Scientific classification
- Domain: Bacteria
- Kingdom: Bacillati
- Phylum: Bacillota
- Class: Clostridia
- Order: Eubacteriales
- Family: Clostridiaceae
- Genus: Clostridium Prazmowski 1880
- Species: 164 Species See List of Clostridium species for complete taxonomy.

= Clostridium =

Genus of bacteria

Clostridium is a genus of anaerobic, Gram-positive bacteria. Species of Clostridium inhabit soils and the intestinal tracts of animals, including humans. This genus includes several significant human pathogens, including the causative agents of botulism and tetanus. It also formerly included an important cause of diarrhea, Clostridioides difficile, which was reclassified into the Clostridioides genus in 2016.

== History ==
Circa 1880, in the course of studying fermentation and butyric acid synthesis, a scientist surnamed Prazmowski first assigned a binomial name to Clostridium butyricum. The mechanisms of anaerobic respiration were still not yet well elucidated at that time, so taxonomy of anaerobes was still developing.

==Taxonomy==

As of October 2022, there are 164 validly published species in Clostridium.

The genus, as traditionally defined, contains many organisms not closely related to its type species. The issue was originally illustrated in full detail by a rRNA phylogeny from Collins 1994, which split the traditional genus (now corresponding to a large slice of Clostridia) into twenty clusters, with cluster I containing the type species Clostridium butyricum and its close relatives. Over the years, this has resulted in many new genera being split out, with the ultimate goal of constraining Clostridium to cluster I.

"Clostridium" cluster XIVa (now Lachnospiraceae) and "Clostridium" cluster IV (now Ruminococcaceae) efficiently ferment plant polysaccharide composing dietary fiber, making them important and abundant taxa in the rumen and the human large intestine. As mentioned before, these clusters are not part of current Clostridium, and use of these terms should be avoided due to ambiguous or inconsistent usage.

==Biochemistry==
Species of Clostridium are obligate anaerobe and capable of producing endospores. They generally stain gram-positive, but as well as Bacillus, are often described as Gram-variable, because they show an increasing number of gram-negative cells as the culture ages. The Schaeffer–Fulton stain (0.5% malachite green in water) can be used to distinguish endospores of Bacillus and Clostridium from other microorganisms.

Clostridium can be differentiated from the also endospore forming genus Bacillus by its obligate anaerobic growth, the shape of endospores and the lack of catalase. Species of Desulfotomaculum form similar endospores and can be distinguished by their requirement for sulfur.
Glycolysis and fermentation of pyruvic acid by Clostridia yield butyric acid, butanol, acetone, isopropanol, and carbon dioxide.

A commercially available polymerase chain reaction (PCR) test kit for C. perfringens exists.

==Biology and pathogenesis==
Clostridium species are readily found inhabiting soils and intestinal tracts. Clostridium species are also a normal inhabitant of the healthy lower reproductive tract of females.

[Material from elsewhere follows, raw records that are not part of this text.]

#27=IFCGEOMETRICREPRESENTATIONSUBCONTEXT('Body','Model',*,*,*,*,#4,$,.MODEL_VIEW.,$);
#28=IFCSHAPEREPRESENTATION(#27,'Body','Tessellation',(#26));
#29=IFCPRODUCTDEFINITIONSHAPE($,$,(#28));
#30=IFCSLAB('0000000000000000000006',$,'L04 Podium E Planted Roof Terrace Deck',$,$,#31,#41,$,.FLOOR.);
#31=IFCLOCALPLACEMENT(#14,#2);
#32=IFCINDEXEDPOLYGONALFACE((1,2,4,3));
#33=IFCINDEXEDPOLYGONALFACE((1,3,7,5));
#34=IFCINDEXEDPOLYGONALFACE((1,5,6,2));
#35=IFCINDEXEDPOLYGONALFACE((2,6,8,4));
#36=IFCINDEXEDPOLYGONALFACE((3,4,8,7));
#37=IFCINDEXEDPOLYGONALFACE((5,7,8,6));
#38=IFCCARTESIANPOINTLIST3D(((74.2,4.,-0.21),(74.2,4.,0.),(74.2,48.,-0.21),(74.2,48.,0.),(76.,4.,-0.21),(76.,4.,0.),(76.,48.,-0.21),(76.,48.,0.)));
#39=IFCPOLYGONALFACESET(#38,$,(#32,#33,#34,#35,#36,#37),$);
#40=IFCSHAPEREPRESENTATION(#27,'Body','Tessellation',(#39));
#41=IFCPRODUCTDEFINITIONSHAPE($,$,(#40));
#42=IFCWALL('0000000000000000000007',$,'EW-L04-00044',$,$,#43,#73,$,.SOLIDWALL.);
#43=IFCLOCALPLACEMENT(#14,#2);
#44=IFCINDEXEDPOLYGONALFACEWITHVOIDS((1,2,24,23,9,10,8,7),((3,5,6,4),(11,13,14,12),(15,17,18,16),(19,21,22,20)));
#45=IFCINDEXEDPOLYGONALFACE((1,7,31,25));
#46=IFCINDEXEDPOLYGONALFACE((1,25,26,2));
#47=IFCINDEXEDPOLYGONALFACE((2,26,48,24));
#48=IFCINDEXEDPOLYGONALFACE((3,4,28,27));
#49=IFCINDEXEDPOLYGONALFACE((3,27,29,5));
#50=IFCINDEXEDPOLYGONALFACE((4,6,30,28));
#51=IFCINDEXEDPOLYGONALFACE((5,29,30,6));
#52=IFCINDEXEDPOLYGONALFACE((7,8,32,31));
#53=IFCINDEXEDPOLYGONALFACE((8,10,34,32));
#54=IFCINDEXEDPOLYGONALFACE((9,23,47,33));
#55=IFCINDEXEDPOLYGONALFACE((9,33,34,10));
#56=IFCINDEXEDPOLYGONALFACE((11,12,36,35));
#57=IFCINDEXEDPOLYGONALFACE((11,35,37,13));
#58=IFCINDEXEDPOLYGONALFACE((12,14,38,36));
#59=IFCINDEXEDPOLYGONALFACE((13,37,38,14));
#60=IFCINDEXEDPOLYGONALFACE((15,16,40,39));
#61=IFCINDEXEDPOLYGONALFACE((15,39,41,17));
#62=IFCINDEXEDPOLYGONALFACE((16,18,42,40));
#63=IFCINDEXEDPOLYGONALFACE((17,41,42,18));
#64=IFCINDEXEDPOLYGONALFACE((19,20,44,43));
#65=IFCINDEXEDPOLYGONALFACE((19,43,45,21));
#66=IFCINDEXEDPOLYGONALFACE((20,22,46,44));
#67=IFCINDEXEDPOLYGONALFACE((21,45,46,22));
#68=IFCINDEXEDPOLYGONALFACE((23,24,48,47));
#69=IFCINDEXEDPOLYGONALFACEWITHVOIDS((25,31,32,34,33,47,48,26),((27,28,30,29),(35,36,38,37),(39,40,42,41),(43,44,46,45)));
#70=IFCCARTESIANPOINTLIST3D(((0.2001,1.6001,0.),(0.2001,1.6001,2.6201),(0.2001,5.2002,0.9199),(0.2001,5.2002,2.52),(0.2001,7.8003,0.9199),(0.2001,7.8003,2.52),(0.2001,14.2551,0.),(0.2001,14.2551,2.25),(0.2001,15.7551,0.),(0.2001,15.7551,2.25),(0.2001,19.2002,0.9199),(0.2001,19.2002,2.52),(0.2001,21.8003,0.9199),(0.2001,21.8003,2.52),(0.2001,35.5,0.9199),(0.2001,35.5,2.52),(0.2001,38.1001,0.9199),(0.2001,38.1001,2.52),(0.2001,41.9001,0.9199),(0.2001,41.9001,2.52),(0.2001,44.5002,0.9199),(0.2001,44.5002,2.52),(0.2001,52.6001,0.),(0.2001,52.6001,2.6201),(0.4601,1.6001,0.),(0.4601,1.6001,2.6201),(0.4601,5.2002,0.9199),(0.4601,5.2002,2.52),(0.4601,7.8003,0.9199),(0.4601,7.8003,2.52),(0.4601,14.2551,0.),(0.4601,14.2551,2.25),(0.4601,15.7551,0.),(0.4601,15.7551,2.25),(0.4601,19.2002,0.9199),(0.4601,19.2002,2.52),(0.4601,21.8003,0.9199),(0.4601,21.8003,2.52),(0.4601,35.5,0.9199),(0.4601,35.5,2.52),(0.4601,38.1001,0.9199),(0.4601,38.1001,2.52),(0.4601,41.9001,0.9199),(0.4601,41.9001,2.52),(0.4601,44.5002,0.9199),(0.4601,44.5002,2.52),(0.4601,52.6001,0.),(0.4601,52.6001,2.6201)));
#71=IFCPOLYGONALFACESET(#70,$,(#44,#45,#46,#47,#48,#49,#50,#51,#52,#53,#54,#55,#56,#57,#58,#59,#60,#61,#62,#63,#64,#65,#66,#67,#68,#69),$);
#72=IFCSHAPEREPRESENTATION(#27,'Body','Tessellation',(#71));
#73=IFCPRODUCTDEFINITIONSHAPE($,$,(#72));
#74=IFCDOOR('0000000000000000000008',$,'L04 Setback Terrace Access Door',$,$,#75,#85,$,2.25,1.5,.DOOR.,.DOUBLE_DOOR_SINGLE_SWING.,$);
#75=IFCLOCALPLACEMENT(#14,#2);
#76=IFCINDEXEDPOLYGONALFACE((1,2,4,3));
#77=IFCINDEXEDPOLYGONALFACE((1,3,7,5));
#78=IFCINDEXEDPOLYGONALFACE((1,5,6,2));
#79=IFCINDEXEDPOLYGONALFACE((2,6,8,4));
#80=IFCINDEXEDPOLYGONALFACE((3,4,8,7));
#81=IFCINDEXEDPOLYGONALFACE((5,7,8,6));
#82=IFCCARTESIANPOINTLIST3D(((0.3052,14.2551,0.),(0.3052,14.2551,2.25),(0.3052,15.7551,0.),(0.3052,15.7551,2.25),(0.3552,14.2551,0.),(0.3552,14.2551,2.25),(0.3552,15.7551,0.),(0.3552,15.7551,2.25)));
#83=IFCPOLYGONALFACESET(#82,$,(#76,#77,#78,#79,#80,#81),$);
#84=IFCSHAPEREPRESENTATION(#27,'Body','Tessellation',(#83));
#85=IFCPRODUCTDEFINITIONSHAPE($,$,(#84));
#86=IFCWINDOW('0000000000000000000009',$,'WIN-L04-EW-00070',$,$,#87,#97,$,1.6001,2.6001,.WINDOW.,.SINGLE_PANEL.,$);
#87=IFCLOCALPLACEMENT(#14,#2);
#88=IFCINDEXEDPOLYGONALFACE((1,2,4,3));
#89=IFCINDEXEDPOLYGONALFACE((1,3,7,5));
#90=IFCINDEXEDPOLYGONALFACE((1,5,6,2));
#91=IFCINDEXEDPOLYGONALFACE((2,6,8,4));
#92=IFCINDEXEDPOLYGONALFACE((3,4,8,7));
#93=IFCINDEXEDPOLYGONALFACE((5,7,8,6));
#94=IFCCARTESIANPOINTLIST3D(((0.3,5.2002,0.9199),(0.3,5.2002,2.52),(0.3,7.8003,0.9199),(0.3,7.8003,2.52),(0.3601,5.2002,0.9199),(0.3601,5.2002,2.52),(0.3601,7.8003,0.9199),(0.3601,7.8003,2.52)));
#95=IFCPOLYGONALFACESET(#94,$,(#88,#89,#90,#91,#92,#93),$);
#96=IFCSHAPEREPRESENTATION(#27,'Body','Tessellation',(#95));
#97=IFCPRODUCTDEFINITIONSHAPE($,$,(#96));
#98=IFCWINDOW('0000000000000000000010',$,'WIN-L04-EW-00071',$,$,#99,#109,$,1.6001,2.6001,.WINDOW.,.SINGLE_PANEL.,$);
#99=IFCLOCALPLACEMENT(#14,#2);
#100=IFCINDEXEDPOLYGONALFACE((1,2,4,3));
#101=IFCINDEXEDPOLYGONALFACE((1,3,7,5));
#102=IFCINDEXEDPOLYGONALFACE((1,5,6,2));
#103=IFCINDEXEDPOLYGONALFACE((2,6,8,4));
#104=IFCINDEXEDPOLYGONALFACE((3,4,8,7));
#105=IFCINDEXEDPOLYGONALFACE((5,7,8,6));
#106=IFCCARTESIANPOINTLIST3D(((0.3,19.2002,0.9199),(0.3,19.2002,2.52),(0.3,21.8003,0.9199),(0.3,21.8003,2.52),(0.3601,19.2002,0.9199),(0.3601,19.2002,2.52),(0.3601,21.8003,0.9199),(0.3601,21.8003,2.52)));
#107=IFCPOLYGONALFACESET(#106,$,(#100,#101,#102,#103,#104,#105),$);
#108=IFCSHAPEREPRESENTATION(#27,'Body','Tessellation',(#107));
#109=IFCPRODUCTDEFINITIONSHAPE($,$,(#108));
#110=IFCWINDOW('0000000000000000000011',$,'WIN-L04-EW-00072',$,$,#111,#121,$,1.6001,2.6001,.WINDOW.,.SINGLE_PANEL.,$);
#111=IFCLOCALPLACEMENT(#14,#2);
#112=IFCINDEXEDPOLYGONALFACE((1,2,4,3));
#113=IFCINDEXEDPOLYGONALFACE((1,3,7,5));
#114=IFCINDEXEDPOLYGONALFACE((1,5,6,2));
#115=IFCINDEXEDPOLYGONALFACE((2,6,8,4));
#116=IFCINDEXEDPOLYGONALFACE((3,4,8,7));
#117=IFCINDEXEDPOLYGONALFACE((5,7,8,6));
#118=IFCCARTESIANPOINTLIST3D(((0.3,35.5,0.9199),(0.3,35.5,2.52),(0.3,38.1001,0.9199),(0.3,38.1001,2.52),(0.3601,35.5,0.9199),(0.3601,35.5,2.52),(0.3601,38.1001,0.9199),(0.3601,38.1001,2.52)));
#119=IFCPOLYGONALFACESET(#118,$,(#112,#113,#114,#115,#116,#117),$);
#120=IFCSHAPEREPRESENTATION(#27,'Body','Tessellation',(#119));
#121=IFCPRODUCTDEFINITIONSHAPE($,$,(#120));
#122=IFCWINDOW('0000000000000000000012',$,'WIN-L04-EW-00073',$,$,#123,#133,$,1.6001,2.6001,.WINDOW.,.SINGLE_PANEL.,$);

The main species responsible for disease in humans are:
- Clostridium botulinum can produce botulinum toxin in food or wounds and can cause botulism, which can be fatal. This same toxin is known as Botox and is used in cosmetic surgery to paralyze facial muscles to reduce the signs of aging; it also has numerous other therapeutic uses.
- Clostridium perfringens causes a wide range of symptoms, from food poisoning to cellulitis, fasciitis, necrotic enteritis and gas gangrene.
- Clostridium septicum can also cause rapidly progressive myonecrosis (gas gangrene type).
- Clostridium tetani causes tetanus.

Several more pathogenic species, that were previously described in Clostridium, have been found to belong to other genera.
- Clostridium difficile, now placed in Clostridioides.
- Clostridium histolyticum, now placed in Hathewaya.
- Clostridium sordellii, now placed in Paraclostridium, can cause a fatal infection in exceptionally rare cases after medical abortions.

== Treatment ==
Clostridium welchii and Clostridium tetani respond to sulfonamides. Clostridia are also susceptible to tetracyclines, carbapenems (imipenem), metronidazole, vancomycin, and chloramphenicol.

Clostridium botulinum is highly resistant to radiation. The vegetative cells of clostridia are heat-labile and are killed by short heating at temperatures above 72-75 C.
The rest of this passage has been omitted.